I'm not a proud mama am I?


----------



## Luv Buns (May 13, 2011)

Thats awesome!! Congrats to him (and his proud momma)! I'm so glad he was able to accomplish his dream! I always wanted to be a writer but my grammer stinks. lol. Thats so cool for him. Way to go!!!


----------



## slavetoabunny (May 13, 2011)

Way to go! You'll have to tell us when it is published to we can read it. Do you know if it will be available on Kindle (I don't buy paper books anymore)/


----------



## nermal71 (May 13, 2011)

Not sure yet on the kindle.


----------



## furriestfriends (May 13, 2011)

Awwwwsomee bunny binkies all around:great::dutch


----------



## Yurusumaji (May 13, 2011)

Woo! Way to go! :highfive:


----------



## pamnock (May 13, 2011)

I'll be first in line to buy a signed copy! Let us know when the book is available!


----------



## TinysMom (May 13, 2011)

Aw come on....you gotta tell us a bit more about the book.

What genre? Any idea when it will be published?

I'm so happy for you & your son & your whole family!


----------



## nermal71 (May 13, 2011)

It's Christian Fantasy....like he says kind of sounds weird...but it basically means its child friendly. Nothing in it that you wouldn't want your child to see. It is for young adult mainly. It will be out in Spring of 2012. As to what it's about LOL...he won't let me read it till its published. He's a good kid. I'm proud of all 3 boys.
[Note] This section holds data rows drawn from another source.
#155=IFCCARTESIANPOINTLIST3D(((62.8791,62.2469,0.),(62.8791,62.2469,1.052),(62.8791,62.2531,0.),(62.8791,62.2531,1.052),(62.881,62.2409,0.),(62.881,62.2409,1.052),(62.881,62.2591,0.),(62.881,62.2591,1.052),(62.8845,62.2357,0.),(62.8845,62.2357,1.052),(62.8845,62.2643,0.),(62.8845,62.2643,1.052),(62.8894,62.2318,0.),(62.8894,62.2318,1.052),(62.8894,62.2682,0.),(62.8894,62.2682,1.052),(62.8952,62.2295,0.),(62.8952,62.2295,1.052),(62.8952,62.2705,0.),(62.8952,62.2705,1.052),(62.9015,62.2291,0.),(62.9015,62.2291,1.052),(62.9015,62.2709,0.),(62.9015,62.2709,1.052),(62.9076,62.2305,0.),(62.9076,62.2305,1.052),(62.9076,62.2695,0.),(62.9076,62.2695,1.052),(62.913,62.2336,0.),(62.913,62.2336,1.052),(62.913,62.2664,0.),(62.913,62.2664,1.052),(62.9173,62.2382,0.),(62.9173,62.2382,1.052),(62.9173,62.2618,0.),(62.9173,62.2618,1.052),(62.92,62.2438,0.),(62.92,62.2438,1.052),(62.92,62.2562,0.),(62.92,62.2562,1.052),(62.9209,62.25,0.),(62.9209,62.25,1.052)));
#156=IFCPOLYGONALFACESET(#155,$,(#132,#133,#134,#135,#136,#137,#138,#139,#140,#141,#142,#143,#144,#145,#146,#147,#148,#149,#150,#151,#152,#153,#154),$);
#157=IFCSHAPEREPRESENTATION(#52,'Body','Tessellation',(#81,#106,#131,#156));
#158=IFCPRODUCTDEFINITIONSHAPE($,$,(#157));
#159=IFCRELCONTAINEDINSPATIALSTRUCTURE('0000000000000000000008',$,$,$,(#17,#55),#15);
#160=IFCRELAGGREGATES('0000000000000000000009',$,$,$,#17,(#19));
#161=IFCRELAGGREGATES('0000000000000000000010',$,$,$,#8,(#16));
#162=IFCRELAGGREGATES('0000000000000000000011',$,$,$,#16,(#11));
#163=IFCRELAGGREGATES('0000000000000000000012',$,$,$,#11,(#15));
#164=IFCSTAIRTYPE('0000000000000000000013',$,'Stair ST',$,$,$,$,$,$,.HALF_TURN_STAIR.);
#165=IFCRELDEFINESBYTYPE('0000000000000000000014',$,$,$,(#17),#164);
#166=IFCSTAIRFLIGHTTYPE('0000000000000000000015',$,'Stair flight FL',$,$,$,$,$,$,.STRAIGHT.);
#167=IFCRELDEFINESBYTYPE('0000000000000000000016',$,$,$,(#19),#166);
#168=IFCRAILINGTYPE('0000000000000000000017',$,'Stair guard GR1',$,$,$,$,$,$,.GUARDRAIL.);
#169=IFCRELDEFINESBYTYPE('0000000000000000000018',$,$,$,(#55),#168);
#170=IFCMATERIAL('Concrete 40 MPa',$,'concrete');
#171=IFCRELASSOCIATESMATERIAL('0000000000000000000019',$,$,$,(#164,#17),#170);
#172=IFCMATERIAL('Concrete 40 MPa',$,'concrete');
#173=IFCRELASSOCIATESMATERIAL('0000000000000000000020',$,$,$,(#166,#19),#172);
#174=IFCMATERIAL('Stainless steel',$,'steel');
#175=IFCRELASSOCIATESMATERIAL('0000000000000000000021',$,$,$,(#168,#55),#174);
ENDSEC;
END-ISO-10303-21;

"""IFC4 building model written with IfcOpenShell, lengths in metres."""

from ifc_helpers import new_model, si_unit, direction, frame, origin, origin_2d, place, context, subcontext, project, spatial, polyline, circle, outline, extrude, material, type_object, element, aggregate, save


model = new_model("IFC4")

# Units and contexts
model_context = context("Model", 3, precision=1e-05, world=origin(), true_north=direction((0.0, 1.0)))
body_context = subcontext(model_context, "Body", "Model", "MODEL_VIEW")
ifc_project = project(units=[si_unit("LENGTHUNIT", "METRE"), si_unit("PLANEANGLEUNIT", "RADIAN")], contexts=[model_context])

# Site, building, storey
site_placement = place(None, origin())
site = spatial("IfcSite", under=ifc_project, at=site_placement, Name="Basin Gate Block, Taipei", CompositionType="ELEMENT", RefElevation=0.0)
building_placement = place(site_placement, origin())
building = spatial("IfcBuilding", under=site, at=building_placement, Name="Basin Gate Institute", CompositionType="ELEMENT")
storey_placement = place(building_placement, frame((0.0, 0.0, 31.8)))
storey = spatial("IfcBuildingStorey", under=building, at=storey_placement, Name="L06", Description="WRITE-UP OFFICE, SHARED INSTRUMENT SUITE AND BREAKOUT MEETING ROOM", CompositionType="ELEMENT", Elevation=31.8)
This is just such a shocker still. I freaked out when we got the phone call several months ago. I thought he was gonna pass out when he heard the voice mail msg. He now has alot of work ahead of him. He was supposed to start taking college classes in the fall but will be holding off on it because of everything with this. He will wait till the book is out to start college.


----------



## TinysMom (May 14, 2011)

Frequently that genre has trilogies or series....is it going to be part of a trilogy?
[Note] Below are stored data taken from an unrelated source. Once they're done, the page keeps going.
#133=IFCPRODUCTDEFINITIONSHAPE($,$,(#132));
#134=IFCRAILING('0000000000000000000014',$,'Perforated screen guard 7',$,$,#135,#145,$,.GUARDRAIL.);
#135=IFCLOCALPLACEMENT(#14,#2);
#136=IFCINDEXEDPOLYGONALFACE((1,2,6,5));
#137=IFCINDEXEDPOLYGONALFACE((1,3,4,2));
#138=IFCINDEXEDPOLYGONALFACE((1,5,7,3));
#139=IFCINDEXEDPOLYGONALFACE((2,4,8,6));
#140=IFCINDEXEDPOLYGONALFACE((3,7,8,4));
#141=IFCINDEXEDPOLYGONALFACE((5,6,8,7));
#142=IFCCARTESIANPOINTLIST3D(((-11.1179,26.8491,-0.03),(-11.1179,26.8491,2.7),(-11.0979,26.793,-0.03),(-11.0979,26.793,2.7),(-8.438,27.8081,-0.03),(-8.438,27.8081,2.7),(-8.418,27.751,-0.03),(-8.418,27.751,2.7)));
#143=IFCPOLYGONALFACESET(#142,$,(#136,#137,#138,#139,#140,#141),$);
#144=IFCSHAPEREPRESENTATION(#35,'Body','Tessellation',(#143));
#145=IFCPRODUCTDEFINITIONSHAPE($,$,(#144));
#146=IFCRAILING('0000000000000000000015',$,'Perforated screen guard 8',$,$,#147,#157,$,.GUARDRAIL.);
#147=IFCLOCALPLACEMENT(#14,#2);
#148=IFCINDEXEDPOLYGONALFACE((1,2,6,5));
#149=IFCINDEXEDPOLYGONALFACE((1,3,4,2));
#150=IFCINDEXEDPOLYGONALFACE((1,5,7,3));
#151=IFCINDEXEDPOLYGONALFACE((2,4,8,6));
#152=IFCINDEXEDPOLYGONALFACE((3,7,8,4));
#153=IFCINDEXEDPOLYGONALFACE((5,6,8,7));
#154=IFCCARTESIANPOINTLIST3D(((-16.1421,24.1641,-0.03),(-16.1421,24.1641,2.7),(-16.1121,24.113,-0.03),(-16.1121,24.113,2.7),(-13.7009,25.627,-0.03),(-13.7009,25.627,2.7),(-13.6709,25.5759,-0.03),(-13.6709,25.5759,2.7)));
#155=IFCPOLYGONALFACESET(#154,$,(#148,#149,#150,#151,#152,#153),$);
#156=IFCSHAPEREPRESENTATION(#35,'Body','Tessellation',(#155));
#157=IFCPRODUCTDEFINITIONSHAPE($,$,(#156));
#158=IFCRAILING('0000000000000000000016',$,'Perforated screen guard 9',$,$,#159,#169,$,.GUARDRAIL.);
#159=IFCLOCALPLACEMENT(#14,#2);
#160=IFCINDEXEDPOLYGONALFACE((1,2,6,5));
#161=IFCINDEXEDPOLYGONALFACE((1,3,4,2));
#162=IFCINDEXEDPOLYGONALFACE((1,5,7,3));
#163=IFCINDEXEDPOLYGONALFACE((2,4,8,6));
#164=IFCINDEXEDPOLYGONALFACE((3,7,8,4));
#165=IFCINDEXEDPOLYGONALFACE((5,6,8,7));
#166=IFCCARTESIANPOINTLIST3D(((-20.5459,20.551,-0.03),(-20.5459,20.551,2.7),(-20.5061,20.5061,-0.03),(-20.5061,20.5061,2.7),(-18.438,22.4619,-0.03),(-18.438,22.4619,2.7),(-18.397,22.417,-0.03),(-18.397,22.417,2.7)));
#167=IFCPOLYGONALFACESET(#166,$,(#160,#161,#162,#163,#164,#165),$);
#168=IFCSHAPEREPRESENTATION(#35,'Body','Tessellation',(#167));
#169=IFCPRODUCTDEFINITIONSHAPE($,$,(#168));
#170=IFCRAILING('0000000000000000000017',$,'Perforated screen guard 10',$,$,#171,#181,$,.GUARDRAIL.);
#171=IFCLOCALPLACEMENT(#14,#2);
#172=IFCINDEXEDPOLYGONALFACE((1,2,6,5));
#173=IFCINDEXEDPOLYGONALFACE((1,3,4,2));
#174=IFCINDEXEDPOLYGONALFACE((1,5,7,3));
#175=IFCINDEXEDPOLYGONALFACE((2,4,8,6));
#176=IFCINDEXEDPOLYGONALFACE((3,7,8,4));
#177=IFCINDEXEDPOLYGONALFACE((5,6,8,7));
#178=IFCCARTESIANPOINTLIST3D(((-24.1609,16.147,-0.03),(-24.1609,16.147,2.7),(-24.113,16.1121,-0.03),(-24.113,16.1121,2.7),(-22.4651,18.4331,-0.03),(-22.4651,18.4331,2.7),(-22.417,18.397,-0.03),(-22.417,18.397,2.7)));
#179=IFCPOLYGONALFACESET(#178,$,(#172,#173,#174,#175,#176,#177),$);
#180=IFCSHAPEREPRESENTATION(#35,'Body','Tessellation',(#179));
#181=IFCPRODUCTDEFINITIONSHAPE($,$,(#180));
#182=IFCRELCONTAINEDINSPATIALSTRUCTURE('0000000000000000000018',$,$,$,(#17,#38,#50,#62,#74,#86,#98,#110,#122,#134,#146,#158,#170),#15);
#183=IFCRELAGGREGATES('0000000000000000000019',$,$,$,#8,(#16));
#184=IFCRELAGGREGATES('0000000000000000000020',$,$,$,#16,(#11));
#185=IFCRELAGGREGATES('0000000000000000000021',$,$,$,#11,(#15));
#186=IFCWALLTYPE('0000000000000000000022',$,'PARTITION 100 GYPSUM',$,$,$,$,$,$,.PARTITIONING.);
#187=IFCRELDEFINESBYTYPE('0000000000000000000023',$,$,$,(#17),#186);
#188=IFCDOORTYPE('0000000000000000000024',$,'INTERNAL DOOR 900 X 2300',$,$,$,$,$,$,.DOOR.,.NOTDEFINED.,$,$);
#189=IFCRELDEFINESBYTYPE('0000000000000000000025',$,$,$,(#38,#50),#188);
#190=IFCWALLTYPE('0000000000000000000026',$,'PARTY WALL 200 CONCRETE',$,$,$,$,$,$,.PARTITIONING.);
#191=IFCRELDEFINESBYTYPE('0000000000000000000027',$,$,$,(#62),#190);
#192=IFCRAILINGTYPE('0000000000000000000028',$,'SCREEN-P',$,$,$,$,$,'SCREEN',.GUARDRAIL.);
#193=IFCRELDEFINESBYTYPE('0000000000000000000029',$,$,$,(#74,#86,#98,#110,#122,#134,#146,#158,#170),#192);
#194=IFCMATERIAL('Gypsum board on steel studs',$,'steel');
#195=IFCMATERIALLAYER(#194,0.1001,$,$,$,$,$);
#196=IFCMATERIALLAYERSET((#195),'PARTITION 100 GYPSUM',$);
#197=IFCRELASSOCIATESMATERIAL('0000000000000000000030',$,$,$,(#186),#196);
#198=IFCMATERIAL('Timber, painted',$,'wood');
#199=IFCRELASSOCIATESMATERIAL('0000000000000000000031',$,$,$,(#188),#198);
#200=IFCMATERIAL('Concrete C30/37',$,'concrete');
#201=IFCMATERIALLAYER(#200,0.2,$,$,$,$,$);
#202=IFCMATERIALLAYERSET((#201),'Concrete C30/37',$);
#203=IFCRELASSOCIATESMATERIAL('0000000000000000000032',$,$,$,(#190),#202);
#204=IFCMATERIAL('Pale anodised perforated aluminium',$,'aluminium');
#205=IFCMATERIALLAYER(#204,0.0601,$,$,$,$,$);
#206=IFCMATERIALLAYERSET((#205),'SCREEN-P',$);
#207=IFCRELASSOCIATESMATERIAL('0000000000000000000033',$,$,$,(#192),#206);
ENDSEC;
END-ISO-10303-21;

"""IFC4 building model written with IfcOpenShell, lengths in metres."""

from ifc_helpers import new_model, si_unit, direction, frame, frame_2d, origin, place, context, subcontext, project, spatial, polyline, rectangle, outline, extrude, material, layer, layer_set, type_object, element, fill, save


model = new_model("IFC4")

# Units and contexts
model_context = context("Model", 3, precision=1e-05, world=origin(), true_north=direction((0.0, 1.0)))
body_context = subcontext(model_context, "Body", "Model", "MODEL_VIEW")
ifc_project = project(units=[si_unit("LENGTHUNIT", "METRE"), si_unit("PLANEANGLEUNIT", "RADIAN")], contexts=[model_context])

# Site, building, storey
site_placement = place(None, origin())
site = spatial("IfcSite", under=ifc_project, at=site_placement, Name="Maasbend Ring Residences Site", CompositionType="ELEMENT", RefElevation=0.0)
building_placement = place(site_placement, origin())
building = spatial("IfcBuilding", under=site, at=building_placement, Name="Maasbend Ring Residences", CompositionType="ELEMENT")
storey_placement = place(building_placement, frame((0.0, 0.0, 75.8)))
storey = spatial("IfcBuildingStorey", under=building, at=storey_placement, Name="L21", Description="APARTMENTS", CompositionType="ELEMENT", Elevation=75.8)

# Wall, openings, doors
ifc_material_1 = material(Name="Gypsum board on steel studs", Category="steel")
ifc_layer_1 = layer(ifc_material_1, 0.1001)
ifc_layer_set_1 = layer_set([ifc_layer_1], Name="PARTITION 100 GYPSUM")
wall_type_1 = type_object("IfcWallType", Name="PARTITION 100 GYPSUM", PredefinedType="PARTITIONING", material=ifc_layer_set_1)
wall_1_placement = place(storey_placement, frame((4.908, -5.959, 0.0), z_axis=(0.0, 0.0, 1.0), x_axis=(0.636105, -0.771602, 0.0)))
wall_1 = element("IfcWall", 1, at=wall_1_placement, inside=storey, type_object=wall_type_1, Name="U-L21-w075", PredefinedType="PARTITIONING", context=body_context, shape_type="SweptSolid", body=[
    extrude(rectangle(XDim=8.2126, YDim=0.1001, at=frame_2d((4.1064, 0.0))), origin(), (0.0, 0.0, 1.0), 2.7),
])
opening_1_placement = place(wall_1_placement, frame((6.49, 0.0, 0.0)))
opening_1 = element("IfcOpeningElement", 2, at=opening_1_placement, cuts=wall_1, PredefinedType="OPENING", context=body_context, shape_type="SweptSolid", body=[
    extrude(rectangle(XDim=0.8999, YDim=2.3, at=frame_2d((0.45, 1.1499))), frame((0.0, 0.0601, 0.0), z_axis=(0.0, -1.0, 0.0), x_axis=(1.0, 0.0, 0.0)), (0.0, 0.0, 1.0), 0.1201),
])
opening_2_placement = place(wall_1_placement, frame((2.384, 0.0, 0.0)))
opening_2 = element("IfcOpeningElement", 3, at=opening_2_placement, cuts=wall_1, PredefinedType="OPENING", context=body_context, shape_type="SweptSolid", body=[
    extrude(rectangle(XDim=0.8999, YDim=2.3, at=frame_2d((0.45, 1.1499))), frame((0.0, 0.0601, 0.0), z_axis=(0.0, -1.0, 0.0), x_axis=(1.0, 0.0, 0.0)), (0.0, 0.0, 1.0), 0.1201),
I'm so excited for him. I'll have to keep an eye out for it when it comes out. (I used to be a book reviewer and sometimes I actually miss it - like NOW!)


----------



## nermal71 (May 14, 2011)

LOL he is hoping it will be a series. He has I think one more book written and 2 more outlined. Whether or not they let him go with it will be dependant upon sales. We were laughing yesterday as we talked in the car and he said "You know mom aren't you glad you put up with all my notebooks?" I am not kidding when I say this kid has probably hundreds of spiral notebooks...and they used to drive me nuts. But I put up with them and in answer to his question....Yes I'm glad I did :O)


----------



## jujub793 (May 14, 2011)

Congrats!! I can see you are a very proud mama as you have every reason to be :highfive:


----------



## myheart (May 16, 2011)

I am so happy for your family!! :biggrin2: Job well done, Mom!! Sounds like your kids have their ducks, bunnies, goaties, and any other critter in a row. I am able to see why you are so proud of your babies. 

Do tell us more about the book when you are able to!  Sounds like it will be a fun read.


----------



## BSAR (May 18, 2011)

Congrats to him! That is awesome! I write stories as well and hope that one of mine will eventually be published!


----------



## Bluesmaven (May 19, 2011)

That's great! Congrats! I loved homeschooling my sons, with me working nights it really helped with my schedule plus we did a lot more together and grew closer. LOVED IT!


----------



## Bluesmaven (May 19, 2011)

That's great! Congrats! I loved homeschooling my sons, with me working nights it really helped with my schedule plus we did a lot more together and grew closer. LOVED IT!


----------



## nermal71 (May 19, 2011)

Thank you all. He's been a bit of a grump the last few days as he started his reworking of some of it. And he seems to think he's now above doing chores....mom set him straight on that one really quick LOL. I can't wait. I will definitely let everyone know as the date gets closer.


----------